Ah, ok, I looked at the wire map, and wondered.
Good Enuff.

Thanks.


----------



## chiri (Aug 10, 2006)

Thank you for all of your suggestions. I am going to start trying to figure out what the heck will fix the probs.


----------



## jonesalexr (Aug 6, 2006)

chiri said:


> Thank you for all of your suggestions. I am going to start trying to figure out what the heck will fix the probs.


My car idles like shit and ive checked all of the above. It also accelererated like shit too until yesterday when i changed the fuel filter. I think it might be one, two, or three of the injectors. Ill have to check. but as far as the peppyness, change your fuel filter. My car is pretty quick now.


----------



## PeaceWarrior (Oct 24, 2006)

Hey all, ive been having the same problem, and Im curious - Whats an MAF? I have a book but it doesnt mention MAFs


----------



## Edog1382 (Aug 9, 2006)

MAF is a Mass Air Flow sensor. On my 97 altima its a small sensor that attaches to the air filter housing. After replacing the stock intake with a aftermarket cone, my MAF just hangs there... up until today it ran fine (6 months with it) But today... my car started running like shit. Keeps stalling. Thats why I ended up on this page tonight. Im trying to find out why my car keeps on stalling. I know i need a new cat and o2 sensor. So I'll start by replacing that.


----------



## internetautomart (Mar 8, 2004)

PeaceWarrior said:


> Hey all, ive been having the same problem, and Im curious - Whats an MAF? I have a book but it doesnt mention MAFs


Then you need a better book.
the maf is attached to the air filter box.
if you unplug it and the car runs fine to 2k then it may be your problem (car won't go past ~2k)


----------



## Edog1382 (Aug 9, 2006)

oh shit... i was thinking of the tempature sensor... Sorry... It was a late night!


----------



## PeaceWarrior (Oct 24, 2006)

internetautomart said:


> Then you need a better book.
> the maf is attached to the air filter box.
> if you unplug it and the car runs fine to 2k then it may be your problem (car won't go past ~2k)

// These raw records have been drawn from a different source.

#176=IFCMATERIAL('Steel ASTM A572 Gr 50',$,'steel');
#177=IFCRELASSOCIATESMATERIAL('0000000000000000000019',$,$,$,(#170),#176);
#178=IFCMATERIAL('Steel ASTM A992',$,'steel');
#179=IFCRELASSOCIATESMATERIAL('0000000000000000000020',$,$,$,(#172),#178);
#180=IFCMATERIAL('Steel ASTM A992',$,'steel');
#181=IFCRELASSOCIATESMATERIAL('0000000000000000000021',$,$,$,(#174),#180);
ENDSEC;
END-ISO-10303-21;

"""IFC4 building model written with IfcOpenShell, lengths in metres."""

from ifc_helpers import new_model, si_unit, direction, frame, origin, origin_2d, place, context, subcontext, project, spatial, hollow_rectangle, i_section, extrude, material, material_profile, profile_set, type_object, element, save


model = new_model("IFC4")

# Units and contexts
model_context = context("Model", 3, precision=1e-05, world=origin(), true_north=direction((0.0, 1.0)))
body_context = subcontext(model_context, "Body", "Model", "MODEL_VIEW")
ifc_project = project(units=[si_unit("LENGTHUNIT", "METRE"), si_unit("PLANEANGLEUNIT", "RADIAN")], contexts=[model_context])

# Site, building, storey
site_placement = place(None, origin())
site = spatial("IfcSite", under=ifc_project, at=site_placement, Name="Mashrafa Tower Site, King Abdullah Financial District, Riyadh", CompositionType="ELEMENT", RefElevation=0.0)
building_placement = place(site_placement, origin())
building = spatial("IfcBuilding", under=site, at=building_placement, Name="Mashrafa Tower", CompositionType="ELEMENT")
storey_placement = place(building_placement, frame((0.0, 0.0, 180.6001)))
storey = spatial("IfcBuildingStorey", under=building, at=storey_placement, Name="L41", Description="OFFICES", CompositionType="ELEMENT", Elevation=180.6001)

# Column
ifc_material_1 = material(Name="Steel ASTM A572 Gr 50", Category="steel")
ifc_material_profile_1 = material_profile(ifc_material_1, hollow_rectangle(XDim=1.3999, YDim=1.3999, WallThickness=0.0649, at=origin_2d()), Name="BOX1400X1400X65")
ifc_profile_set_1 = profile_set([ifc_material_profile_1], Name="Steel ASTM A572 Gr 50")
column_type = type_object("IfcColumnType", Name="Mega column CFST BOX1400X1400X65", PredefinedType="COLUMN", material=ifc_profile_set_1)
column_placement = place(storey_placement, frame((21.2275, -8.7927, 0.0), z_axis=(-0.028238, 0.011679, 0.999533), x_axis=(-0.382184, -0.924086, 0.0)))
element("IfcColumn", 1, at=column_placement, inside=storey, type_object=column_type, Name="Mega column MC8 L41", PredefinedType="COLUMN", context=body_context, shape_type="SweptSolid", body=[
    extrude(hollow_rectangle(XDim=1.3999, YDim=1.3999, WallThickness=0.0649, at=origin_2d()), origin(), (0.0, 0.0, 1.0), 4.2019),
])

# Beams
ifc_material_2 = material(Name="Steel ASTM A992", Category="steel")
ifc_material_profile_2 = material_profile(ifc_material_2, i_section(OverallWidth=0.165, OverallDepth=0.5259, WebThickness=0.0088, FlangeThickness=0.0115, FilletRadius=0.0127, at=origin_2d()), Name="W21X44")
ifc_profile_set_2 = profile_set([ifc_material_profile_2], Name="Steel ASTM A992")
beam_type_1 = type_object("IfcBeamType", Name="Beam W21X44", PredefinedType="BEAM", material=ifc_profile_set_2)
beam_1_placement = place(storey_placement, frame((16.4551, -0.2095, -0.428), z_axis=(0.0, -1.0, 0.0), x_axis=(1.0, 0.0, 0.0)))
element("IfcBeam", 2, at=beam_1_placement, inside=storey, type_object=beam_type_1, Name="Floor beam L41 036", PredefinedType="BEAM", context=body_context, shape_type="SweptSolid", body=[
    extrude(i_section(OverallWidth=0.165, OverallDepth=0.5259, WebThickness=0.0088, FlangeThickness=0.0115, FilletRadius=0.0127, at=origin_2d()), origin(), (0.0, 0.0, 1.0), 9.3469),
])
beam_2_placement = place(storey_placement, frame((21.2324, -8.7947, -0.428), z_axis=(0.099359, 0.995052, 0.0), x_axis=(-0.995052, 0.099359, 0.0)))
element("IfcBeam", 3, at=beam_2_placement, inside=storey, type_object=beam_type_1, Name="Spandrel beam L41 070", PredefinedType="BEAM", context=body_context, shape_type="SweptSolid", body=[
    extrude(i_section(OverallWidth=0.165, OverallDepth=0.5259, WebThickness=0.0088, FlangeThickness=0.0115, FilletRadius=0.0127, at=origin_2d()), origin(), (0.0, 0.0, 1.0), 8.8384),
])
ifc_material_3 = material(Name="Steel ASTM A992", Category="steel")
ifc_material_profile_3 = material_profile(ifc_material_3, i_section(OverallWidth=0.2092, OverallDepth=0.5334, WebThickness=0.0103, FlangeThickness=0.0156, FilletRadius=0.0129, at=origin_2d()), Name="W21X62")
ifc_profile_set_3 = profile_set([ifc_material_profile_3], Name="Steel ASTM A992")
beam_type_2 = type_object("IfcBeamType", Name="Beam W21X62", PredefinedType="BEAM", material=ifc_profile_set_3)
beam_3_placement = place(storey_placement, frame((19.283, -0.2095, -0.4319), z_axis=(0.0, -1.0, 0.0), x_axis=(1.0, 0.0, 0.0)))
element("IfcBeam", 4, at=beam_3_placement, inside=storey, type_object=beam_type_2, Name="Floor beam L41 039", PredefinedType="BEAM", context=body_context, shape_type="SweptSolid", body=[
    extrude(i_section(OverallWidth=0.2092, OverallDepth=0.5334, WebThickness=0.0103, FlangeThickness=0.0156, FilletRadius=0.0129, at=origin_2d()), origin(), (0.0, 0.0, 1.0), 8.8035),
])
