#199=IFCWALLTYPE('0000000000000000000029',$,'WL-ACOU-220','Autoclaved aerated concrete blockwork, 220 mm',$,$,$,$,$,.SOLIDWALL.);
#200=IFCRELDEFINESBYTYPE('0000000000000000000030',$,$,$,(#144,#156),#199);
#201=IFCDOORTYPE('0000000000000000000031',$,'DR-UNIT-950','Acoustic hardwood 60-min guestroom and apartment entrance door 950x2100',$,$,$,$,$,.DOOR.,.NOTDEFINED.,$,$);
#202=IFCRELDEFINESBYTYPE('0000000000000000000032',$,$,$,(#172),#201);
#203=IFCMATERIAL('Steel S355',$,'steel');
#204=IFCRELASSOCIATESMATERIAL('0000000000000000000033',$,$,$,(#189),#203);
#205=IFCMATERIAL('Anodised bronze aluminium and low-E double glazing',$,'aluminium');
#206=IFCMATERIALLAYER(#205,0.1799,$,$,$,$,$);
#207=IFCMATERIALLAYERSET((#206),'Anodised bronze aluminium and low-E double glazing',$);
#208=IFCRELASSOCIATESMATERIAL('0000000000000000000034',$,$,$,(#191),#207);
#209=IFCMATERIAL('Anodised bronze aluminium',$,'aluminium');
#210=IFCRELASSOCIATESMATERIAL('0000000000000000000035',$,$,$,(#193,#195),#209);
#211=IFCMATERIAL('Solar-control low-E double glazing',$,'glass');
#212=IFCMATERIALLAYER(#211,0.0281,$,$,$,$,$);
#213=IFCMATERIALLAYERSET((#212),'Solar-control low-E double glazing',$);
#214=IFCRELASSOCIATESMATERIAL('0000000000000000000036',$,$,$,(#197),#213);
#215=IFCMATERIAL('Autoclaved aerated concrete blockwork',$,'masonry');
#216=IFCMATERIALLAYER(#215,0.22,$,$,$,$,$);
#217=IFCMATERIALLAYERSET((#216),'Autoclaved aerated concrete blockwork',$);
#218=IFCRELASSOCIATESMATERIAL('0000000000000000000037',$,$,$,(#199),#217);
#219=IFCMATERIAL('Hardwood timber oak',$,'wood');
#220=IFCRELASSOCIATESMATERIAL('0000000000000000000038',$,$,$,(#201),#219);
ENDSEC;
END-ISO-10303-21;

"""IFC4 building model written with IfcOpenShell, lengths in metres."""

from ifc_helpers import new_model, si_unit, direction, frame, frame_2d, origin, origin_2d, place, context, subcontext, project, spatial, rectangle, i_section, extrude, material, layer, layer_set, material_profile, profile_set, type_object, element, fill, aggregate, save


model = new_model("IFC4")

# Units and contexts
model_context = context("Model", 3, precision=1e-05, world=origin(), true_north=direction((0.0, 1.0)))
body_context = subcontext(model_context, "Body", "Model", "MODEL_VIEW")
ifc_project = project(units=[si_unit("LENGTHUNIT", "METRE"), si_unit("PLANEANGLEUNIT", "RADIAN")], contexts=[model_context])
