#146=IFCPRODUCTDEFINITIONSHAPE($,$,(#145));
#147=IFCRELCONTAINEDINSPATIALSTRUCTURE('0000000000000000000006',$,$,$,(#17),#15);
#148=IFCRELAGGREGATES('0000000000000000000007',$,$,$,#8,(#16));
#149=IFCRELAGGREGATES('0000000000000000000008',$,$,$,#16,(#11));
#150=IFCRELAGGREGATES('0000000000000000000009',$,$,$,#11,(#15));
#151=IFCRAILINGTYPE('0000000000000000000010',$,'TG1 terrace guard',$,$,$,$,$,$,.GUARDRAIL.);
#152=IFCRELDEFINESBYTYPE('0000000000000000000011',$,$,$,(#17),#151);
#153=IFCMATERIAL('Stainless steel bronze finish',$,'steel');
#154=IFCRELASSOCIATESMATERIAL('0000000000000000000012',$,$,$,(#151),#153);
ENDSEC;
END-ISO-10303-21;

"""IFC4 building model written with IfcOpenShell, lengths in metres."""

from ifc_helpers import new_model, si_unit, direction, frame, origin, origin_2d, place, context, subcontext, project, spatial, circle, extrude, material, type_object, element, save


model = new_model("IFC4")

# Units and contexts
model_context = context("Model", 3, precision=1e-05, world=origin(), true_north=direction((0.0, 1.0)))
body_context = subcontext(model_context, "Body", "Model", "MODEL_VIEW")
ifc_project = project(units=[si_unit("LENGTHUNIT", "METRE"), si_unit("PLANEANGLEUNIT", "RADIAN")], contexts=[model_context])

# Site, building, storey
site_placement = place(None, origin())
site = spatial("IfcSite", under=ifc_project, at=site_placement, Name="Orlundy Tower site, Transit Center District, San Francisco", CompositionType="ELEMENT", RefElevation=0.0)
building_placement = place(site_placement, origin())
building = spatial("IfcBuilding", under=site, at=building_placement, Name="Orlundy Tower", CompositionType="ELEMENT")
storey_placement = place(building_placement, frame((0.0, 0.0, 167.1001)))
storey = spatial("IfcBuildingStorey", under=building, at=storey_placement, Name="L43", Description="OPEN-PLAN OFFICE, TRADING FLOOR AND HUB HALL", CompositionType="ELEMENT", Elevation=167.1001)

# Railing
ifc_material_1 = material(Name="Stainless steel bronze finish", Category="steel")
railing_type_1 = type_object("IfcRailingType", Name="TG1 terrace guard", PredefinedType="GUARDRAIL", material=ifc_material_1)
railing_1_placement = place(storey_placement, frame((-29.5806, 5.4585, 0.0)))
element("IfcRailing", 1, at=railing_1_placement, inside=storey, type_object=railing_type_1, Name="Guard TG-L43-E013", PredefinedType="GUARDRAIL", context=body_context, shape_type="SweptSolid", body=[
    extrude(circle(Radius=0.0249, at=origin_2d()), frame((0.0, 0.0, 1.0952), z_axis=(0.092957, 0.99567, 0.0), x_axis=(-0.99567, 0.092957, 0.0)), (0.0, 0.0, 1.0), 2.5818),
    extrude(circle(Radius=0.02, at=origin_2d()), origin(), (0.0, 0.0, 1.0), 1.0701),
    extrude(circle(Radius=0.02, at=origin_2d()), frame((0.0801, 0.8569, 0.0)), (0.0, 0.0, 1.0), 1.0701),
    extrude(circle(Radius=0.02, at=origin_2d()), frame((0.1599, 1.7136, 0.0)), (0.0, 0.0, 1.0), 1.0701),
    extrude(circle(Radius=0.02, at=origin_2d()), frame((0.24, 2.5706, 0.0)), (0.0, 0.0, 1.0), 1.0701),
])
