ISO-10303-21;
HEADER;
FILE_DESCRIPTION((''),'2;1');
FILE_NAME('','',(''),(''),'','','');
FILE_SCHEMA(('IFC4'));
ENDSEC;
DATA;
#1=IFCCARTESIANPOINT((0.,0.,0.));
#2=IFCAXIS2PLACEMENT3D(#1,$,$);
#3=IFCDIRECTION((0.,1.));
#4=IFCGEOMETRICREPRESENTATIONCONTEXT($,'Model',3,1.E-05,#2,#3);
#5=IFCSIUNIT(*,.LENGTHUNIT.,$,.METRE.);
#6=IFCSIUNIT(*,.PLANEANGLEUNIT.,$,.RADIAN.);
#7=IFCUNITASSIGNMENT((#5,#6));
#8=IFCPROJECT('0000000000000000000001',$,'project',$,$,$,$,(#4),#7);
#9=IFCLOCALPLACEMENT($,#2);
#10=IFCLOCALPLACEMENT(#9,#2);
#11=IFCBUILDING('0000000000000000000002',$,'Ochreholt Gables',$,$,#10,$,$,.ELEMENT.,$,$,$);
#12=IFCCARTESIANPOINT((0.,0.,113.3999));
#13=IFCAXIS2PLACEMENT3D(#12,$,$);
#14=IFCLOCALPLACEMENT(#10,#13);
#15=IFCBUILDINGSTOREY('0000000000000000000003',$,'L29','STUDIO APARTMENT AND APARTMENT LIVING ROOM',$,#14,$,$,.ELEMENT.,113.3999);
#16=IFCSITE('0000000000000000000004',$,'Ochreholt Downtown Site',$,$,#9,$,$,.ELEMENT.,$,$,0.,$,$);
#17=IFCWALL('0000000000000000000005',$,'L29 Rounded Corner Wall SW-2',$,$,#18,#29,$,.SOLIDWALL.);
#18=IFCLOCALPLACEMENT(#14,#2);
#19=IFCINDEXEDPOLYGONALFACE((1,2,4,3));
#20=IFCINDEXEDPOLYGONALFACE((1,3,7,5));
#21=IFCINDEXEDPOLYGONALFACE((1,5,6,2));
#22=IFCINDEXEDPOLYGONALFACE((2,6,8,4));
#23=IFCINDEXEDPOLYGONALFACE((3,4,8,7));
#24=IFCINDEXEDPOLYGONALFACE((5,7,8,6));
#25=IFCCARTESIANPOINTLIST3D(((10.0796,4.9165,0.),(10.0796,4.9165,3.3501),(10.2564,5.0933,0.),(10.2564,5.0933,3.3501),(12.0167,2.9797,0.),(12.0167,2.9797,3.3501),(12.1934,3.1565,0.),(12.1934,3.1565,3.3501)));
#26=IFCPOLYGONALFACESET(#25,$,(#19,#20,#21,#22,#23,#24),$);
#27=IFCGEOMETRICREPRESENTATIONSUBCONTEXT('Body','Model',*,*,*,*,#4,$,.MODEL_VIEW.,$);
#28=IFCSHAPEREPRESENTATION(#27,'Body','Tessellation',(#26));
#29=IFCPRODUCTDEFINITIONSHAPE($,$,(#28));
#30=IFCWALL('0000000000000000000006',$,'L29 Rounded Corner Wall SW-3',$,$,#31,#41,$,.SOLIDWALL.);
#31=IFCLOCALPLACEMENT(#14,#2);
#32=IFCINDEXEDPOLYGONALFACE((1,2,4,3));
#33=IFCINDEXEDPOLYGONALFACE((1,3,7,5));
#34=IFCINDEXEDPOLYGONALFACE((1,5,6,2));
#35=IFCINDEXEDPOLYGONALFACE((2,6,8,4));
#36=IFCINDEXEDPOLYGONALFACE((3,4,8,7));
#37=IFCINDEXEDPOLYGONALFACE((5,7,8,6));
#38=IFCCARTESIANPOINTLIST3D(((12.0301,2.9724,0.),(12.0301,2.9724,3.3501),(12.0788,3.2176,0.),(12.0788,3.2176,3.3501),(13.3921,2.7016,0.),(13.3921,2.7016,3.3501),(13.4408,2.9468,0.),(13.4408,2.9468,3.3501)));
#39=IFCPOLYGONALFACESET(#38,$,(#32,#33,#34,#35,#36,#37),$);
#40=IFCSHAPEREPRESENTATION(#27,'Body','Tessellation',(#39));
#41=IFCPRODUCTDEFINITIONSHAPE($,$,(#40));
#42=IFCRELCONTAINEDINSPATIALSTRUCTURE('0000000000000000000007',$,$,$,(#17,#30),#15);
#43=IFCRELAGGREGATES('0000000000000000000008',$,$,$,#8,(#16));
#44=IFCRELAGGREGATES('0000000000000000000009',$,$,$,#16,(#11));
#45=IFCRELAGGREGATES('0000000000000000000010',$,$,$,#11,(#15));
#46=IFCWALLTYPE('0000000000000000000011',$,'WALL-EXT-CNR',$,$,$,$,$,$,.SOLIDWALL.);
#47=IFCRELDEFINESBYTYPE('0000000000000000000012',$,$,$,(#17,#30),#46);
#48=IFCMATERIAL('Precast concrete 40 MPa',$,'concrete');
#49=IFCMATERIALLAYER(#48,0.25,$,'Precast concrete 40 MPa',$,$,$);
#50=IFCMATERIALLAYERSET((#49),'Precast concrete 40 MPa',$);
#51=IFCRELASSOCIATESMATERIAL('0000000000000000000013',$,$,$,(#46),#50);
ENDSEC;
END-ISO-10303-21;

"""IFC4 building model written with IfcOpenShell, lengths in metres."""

from ifc_helpers import new_model, si_unit, direction, frame, frame_2d, origin, place, context, subcontext, project, spatial, rectangle, extrude, material, layer, layer_set, type_object, element, save


model = new_model("IFC4")

# Units and contexts
model_context = context("Model", 3, precision=1e-05, world=origin(), true_north=direction((0.0, 1.0)))
body_context = subcontext(model_context, "Body", "Model", "MODEL_VIEW")
ifc_project = project(units=[si_unit("LENGTHUNIT", "METRE"), si_unit("PLANEANGLEUNIT", "RADIAN")], contexts=[model_context])

# Site, building, storey
site_placement = place(None, origin())
site = spatial("IfcSite", under=ifc_project, at=site_placement, Name="Ochreholt Downtown Site", CompositionType="ELEMENT", RefElevation=0.0)
building_placement = place(site_placement, origin())
building = spatial("IfcBuilding", under=site, at=building_placement, Name="Ochreholt Gables", CompositionType="ELEMENT")
storey_placement = place(building_placement, frame((0.0, 0.0, 113.3999)))
storey = spatial("IfcBuildingStorey", under=building, at=storey_placement, Name="L29", Description="STUDIO APARTMENT AND APARTMENT LIVING ROOM", CompositionType="ELEMENT", Elevation=113.3999)

# Shared definitions
ifc_material_1 = material(Name="Precast concrete 40 MPa", Category="concrete")

# Walls
ifc_layer_1 = layer(ifc_material_1, 0.25, Name="Precast concrete 40 MPa")
ifc_layer_set_1 = layer_set([ifc_layer_1], Name="Precast concrete 40 MPa")
wall_type_1 = type_object("IfcWallType", Name="WALL-EXT-CNR", PredefinedType="SOLIDWALL", material=ifc_layer_set_1)
wall_1_placement = place(storey_placement, frame((10.168, 5.0049, 0.0), z_axis=(0.0, 0.0, 1.0), x_axis=(0.707151, -0.707062, 0.0)))
element("IfcWall", 1, at=wall_1_placement, inside=storey, type_object=wall_type_1, Name="L29 Rounded Corner Wall SW-2", PredefinedType="SOLIDWALL", context=body_context, shape_type="SweptSolid", body=[
    extrude(rectangle(XDim=2.7393, YDim=0.25, at=frame_2d((1.3696, 0.0))), origin(), (0.0, 0.0, 1.0), 3.3501),
])
wall_2_placement = place(storey_placement, frame((12.0544, 3.095, 0.0), z_axis=(0.0, 0.0, 1.0), x_axis=(0.98081, -0.194967, 0.0)))
element("IfcWall", 2, at=wall_2_placement, inside=storey, type_object=wall_type_1, Name="L29 Rounded Corner Wall SW-3", PredefinedType="SOLIDWALL", context=body_context, shape_type="SweptSolid", body=[
    extrude(rectangle(XDim=1.3887, YDim=0.25, at=frame_2d((0.6943, 0.0))), origin(), (0.0, 0.0, 1.0), 3.3501),
])

save(model, "model.ifc")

so the car will stall past 2k if the maf sensor is bad? so i just unhook it and rev the engine in neutral? I saw that box on the intake. Man I hope there isnt a bunch of stuff like that missing from my book. 

Thanks for your help!


----------



## internetautomart (Mar 8, 2004)

it has a cutoff so it won't rev past 2k, it won't die, but it won't rev any higher


----------